- Type: artillery piece
- Place of origin: United States of America

Service history
- In service: 1740

Specifications
- Mass: 600 lb (270 kg)

= Galloper gun =

The Galloper gun is an artillery piece used circa 1740 in British colonies (later the United States). It has 1½, 2, 3, 4, and 6 (rare) pound shell variants. The gun and carriage weighs around 600 lb. The gun was designed to be pulled by one horse between the shafts and to keep up with fast moving troops, perhaps even cavalry.

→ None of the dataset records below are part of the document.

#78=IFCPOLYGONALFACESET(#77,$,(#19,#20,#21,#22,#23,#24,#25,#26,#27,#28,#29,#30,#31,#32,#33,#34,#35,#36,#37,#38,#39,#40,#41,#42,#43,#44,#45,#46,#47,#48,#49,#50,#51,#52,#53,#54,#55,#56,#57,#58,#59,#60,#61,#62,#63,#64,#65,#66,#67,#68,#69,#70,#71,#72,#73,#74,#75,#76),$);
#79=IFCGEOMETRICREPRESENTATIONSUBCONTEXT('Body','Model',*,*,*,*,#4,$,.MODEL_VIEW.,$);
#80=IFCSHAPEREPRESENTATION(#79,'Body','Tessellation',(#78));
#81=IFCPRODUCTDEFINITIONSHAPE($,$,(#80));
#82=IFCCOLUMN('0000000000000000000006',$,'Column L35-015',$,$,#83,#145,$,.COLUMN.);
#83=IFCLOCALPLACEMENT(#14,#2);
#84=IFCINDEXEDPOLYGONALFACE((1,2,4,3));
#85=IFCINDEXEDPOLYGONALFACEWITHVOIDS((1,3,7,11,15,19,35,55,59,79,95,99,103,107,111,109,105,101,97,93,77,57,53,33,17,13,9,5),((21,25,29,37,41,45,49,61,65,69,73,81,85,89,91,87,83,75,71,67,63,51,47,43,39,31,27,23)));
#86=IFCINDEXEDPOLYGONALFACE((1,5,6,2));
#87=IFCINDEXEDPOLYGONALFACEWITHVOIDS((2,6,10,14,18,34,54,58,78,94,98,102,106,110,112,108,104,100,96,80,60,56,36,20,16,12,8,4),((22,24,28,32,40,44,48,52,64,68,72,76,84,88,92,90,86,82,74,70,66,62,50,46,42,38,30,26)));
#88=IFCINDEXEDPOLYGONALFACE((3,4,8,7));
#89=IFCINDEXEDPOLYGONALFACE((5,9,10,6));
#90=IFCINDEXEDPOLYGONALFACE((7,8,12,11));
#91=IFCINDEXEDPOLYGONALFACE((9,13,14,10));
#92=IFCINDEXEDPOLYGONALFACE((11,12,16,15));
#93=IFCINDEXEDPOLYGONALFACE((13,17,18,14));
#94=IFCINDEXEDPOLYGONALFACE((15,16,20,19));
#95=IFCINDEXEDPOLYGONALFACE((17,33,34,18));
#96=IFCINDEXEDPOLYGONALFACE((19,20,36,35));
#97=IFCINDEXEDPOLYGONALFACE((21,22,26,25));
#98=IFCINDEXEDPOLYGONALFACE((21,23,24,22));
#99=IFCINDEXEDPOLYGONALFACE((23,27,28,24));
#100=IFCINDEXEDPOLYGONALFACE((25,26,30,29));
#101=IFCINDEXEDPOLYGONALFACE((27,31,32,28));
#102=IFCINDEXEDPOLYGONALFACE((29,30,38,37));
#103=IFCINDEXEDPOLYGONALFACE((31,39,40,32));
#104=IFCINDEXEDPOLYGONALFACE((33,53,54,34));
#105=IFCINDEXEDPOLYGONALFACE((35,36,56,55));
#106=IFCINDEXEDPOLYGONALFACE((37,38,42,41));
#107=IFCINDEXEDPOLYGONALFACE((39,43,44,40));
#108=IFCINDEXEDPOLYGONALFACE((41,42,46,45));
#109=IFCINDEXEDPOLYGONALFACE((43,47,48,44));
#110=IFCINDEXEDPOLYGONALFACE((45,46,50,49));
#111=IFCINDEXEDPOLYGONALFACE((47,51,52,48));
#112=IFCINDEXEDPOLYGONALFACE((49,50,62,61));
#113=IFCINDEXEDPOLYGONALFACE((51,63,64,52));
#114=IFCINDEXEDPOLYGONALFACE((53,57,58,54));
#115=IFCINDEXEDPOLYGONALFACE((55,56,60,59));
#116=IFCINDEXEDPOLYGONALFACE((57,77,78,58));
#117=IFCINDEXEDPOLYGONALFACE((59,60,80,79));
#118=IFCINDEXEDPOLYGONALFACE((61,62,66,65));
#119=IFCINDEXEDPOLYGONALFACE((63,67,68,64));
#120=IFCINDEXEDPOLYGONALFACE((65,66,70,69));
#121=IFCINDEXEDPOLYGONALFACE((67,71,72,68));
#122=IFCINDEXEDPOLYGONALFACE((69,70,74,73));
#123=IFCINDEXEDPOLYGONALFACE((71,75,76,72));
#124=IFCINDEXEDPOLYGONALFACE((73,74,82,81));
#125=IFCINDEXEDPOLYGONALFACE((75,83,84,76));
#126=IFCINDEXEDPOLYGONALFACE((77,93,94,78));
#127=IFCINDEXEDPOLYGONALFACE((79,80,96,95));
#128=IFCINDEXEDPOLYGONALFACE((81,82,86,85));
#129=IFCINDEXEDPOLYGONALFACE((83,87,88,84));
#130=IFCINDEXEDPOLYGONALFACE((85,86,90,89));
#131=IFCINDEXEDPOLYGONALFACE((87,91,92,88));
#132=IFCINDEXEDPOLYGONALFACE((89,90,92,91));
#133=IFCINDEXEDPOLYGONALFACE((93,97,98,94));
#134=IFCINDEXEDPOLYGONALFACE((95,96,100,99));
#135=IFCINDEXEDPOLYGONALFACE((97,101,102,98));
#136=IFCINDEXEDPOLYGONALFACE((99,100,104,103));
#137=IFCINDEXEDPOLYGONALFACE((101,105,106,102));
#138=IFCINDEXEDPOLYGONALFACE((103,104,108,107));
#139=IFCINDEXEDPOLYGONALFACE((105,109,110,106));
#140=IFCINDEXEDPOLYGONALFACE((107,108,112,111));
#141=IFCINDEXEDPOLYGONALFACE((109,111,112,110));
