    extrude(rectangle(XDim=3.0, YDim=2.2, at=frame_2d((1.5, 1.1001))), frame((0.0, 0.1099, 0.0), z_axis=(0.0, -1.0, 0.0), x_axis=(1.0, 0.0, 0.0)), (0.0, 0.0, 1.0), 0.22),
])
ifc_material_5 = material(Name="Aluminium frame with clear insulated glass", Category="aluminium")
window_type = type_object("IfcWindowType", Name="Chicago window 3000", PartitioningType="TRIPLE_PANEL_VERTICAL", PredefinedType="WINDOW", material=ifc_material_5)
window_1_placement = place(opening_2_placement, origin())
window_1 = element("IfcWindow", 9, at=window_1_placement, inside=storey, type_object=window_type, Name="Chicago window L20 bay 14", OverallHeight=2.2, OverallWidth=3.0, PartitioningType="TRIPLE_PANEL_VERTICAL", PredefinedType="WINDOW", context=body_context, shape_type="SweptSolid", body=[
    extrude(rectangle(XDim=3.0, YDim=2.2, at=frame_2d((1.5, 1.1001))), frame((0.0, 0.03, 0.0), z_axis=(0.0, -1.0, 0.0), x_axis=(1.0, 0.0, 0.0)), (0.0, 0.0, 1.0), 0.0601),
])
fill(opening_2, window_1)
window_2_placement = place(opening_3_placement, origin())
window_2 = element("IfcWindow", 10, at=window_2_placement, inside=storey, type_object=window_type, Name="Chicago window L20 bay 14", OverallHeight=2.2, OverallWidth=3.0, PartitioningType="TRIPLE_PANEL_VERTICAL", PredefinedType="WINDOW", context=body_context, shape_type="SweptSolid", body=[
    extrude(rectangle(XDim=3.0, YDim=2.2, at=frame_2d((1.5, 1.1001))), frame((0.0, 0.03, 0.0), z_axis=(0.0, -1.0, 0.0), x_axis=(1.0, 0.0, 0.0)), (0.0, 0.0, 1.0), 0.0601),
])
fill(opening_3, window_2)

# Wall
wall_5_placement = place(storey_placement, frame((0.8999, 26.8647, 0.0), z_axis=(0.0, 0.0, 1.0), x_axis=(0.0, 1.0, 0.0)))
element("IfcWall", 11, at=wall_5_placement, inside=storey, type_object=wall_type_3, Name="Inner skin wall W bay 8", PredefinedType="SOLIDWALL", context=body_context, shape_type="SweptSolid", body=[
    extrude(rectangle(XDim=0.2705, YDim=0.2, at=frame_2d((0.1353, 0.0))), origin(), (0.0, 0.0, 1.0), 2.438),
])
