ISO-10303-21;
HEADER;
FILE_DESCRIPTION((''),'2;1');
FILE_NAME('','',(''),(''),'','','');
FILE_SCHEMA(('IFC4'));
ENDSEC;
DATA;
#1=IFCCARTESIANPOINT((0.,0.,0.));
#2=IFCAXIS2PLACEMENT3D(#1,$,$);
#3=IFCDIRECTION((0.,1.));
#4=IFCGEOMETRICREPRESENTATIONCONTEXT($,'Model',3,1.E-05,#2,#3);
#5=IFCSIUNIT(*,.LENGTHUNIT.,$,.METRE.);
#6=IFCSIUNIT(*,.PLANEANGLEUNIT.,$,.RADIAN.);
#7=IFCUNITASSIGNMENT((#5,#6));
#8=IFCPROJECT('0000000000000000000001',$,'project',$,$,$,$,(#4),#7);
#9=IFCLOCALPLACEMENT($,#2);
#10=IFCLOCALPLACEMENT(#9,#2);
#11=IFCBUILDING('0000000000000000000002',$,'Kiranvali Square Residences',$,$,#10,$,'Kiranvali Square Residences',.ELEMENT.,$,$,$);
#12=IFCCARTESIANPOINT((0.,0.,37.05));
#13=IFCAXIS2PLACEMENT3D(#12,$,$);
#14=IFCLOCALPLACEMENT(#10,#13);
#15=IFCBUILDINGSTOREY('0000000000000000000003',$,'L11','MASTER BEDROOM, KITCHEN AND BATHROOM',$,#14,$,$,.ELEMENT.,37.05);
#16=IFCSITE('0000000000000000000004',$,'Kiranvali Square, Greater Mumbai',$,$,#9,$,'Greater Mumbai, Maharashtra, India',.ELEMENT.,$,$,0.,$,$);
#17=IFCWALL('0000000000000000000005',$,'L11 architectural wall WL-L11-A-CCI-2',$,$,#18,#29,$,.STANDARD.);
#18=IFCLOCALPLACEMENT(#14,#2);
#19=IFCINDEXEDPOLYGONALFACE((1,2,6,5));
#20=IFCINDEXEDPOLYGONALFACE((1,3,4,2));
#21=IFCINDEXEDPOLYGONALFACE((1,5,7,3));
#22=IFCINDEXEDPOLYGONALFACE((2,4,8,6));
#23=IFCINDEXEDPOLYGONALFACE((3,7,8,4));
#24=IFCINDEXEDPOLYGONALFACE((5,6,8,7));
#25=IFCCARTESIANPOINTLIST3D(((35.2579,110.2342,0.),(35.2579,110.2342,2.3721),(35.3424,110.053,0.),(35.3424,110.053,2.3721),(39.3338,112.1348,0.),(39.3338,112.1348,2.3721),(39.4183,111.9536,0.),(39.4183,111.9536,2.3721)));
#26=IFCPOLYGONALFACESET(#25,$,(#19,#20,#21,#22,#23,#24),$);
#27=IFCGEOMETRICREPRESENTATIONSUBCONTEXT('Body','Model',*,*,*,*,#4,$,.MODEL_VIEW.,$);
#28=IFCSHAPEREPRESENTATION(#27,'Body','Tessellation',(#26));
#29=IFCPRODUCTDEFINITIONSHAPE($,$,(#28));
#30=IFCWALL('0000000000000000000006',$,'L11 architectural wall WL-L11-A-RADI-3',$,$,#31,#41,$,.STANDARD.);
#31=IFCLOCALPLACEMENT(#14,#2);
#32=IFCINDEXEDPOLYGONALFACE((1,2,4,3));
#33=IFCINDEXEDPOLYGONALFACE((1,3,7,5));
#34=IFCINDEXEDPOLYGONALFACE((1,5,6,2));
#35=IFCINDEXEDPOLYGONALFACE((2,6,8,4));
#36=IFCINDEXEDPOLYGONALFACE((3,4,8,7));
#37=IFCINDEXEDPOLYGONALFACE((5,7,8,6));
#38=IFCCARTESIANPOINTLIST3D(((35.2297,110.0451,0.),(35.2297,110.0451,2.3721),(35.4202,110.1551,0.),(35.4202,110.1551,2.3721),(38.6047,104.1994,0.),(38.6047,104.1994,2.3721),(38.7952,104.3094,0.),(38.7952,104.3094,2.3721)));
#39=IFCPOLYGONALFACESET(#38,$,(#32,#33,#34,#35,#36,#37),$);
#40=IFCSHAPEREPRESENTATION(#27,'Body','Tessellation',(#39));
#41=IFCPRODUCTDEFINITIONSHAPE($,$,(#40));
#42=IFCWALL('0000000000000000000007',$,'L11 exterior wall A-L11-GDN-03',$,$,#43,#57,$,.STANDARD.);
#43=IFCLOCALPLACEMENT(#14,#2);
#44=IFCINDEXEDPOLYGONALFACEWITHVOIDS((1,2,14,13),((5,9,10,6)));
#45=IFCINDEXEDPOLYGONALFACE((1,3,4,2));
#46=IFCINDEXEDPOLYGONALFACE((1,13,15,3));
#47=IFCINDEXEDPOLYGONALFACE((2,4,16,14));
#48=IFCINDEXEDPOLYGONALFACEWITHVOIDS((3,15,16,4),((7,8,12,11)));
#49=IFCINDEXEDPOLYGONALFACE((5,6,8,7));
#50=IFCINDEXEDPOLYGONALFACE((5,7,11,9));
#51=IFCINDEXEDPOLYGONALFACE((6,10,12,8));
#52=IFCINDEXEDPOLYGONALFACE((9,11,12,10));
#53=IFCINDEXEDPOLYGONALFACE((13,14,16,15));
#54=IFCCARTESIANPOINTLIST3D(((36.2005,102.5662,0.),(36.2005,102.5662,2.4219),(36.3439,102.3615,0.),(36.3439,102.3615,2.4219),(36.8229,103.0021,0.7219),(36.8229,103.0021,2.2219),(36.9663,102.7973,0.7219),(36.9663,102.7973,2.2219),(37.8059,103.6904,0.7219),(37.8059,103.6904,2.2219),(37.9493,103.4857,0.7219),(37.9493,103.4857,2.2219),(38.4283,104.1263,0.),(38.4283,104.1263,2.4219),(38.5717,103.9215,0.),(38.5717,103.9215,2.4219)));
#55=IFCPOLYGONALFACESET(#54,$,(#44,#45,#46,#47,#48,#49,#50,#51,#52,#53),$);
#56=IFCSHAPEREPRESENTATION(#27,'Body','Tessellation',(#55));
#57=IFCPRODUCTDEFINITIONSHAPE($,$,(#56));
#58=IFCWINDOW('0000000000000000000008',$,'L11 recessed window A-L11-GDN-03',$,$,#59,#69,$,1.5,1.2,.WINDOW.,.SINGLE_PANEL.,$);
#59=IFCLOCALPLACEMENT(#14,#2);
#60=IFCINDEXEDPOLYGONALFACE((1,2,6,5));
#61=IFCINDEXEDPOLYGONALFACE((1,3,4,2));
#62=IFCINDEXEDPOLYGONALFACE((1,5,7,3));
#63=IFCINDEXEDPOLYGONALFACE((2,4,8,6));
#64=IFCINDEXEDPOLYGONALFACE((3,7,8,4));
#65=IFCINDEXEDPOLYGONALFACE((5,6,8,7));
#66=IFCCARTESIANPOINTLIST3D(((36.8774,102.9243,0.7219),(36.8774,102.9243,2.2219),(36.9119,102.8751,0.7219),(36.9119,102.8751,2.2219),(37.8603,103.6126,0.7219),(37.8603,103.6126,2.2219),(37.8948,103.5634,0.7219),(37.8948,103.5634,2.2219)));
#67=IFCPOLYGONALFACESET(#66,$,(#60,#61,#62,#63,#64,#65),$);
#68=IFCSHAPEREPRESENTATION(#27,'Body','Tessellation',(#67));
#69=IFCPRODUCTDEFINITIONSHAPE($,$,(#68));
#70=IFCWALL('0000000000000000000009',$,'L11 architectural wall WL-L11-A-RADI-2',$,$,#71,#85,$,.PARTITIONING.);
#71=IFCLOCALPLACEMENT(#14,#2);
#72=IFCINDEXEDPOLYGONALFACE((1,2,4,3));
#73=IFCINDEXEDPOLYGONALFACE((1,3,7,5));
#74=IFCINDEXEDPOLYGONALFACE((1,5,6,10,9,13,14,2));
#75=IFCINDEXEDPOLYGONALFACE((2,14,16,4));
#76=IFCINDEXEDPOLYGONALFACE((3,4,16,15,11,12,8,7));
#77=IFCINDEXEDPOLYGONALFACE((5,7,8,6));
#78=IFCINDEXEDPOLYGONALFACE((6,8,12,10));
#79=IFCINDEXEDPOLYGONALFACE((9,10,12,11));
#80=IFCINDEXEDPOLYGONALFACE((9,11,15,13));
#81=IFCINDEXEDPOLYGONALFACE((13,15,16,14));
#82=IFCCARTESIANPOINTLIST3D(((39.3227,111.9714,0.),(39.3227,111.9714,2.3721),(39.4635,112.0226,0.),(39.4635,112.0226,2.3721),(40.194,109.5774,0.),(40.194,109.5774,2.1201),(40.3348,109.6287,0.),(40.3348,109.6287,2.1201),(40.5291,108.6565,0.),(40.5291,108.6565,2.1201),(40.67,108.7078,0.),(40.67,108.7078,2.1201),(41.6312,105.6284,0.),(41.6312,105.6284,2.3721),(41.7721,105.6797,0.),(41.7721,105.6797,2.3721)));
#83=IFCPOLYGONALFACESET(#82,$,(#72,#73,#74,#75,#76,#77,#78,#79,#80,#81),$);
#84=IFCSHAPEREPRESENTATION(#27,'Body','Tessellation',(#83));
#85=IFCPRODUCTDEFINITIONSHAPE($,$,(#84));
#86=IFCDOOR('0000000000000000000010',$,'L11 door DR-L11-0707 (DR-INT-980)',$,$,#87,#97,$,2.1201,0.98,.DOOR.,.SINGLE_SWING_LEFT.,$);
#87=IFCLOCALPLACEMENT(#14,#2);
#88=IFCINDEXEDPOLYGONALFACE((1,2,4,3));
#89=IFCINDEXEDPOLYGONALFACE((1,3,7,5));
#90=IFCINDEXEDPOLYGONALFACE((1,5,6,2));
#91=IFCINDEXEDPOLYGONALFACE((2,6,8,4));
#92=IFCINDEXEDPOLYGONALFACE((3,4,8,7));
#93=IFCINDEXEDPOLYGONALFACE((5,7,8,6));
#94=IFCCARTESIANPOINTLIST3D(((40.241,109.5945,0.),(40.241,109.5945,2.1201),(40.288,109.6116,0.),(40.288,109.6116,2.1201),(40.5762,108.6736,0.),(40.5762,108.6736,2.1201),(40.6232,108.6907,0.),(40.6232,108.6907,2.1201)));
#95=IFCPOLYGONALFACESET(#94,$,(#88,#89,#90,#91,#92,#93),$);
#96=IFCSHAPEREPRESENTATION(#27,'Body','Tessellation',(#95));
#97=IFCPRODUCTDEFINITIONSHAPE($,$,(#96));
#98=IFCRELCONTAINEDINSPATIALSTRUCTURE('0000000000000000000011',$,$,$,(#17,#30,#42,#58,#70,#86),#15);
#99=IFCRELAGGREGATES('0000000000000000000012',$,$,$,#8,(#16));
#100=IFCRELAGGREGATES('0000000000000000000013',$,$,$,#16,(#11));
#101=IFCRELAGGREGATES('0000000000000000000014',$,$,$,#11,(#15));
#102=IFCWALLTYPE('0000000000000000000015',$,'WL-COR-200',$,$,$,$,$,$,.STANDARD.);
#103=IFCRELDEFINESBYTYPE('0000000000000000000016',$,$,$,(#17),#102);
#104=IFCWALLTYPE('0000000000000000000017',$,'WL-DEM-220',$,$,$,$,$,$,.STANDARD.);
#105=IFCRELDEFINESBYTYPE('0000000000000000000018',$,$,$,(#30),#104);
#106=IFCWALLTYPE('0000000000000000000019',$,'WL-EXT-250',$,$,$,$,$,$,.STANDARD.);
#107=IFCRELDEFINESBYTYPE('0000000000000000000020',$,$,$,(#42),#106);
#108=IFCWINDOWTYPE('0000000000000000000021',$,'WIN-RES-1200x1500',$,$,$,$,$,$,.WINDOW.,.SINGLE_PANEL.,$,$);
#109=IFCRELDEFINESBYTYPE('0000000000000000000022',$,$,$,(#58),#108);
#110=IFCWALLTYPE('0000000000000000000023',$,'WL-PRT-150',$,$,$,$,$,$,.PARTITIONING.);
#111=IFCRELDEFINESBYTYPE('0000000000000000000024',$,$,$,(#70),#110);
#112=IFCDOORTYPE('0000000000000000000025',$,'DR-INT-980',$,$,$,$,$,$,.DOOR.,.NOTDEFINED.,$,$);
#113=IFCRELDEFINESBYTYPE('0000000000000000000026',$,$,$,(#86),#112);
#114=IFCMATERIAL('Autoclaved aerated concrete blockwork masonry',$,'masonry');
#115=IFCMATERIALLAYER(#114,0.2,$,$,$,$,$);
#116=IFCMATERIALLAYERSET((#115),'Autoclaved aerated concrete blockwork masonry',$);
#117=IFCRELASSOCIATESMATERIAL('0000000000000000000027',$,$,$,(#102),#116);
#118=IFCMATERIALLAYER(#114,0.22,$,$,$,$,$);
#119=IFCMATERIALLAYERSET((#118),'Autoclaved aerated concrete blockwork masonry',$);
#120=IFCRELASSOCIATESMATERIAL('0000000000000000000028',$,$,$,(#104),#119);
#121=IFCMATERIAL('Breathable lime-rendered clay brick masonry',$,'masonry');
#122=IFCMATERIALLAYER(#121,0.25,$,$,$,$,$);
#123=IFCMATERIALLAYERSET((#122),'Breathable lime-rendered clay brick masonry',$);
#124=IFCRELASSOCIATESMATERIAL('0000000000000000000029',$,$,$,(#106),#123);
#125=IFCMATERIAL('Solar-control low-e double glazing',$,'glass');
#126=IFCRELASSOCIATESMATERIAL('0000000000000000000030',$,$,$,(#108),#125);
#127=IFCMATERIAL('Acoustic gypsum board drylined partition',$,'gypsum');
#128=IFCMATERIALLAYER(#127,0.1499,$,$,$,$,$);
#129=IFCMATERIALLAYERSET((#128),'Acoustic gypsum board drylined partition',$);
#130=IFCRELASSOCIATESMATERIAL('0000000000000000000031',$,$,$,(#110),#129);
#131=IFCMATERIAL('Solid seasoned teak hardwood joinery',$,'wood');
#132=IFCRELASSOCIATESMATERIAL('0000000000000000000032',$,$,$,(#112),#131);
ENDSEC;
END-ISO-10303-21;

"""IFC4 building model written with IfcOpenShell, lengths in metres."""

from ifc_helpers import new_model, si_unit, direction, frame, frame_2d, origin, place, context, subcontext, project, spatial, rectangle, extrude, material, layer, layer_set, type_object, element, fill, save


model = new_model("IFC4")

# Units and contexts
model_context = context("Model", 3, precision=1e-05, world=origin(), true_north=direction((0.0, 1.0)))
body_context = subcontext(model_context, "Body", "Model", "MODEL_VIEW")
ifc_project = project(units=[si_unit("LENGTHUNIT", "METRE"), si_unit("PLANEANGLEUNIT", "RADIAN")], contexts=[model_context])

# Site, building, storey
site_placement = place(None, origin())
site = spatial("IfcSite", under=ifc_project, at=site_placement, Name="Kiranvali Square, Greater Mumbai", LongName="Greater Mumbai, Maharashtra, India", CompositionType="ELEMENT", RefElevation=0.0)
building_placement = place(site_placement, origin())
building = spatial("IfcBuilding", under=site, at=building_placement, Name="Kiranvali Square Residences", LongName="Kiranvali Square Residences", CompositionType="ELEMENT")
storey_placement = place(building_placement, frame((0.0, 0.0, 37.05)))
storey = spatial("IfcBuildingStorey", under=building, at=storey_placement, Name="L11", Description="MASTER BEDROOM, KITCHEN AND BATHROOM", CompositionType="ELEMENT", Elevation=37.05)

Gallopers were among the first attempts to give some degree of mobility to guns but the logistics of gun crew movement and ammunition transportation meant that the time to fire from a different location was not significantly reduced.

== In North America ==
The galloper carriage was not used in the Americas during the French and Indian War nor in the Revolutionary War. Smith's Universal Military Dictionary of 1779 states its use by the King of Prussia in the previous war. The replacements for the North American campaign were the Townsend design 3-pounder and the Patterson design 3-pounder on grasshopper carriages and the Congreve designed light field 3-pounder shipped in 1776. Several of these were taken from Burgoyne at Saratoga. Two original Townsends are found at the Smithsonian and West Point. The only Pattison original is in Perth, Canada. No original carriages exist but a gunner's model of the grasshopper carriage is found at the Woolwich military museum. Many of the Congreve light 3-pounders on butterfly carriages, two boxes mounted on the axle and one box in the trail, can be found in National Park facilities. Information on the cannons of the Verbreuggens at the Royal Brass Foundry is found in the book on 18th century gun founding by Carel de Beers.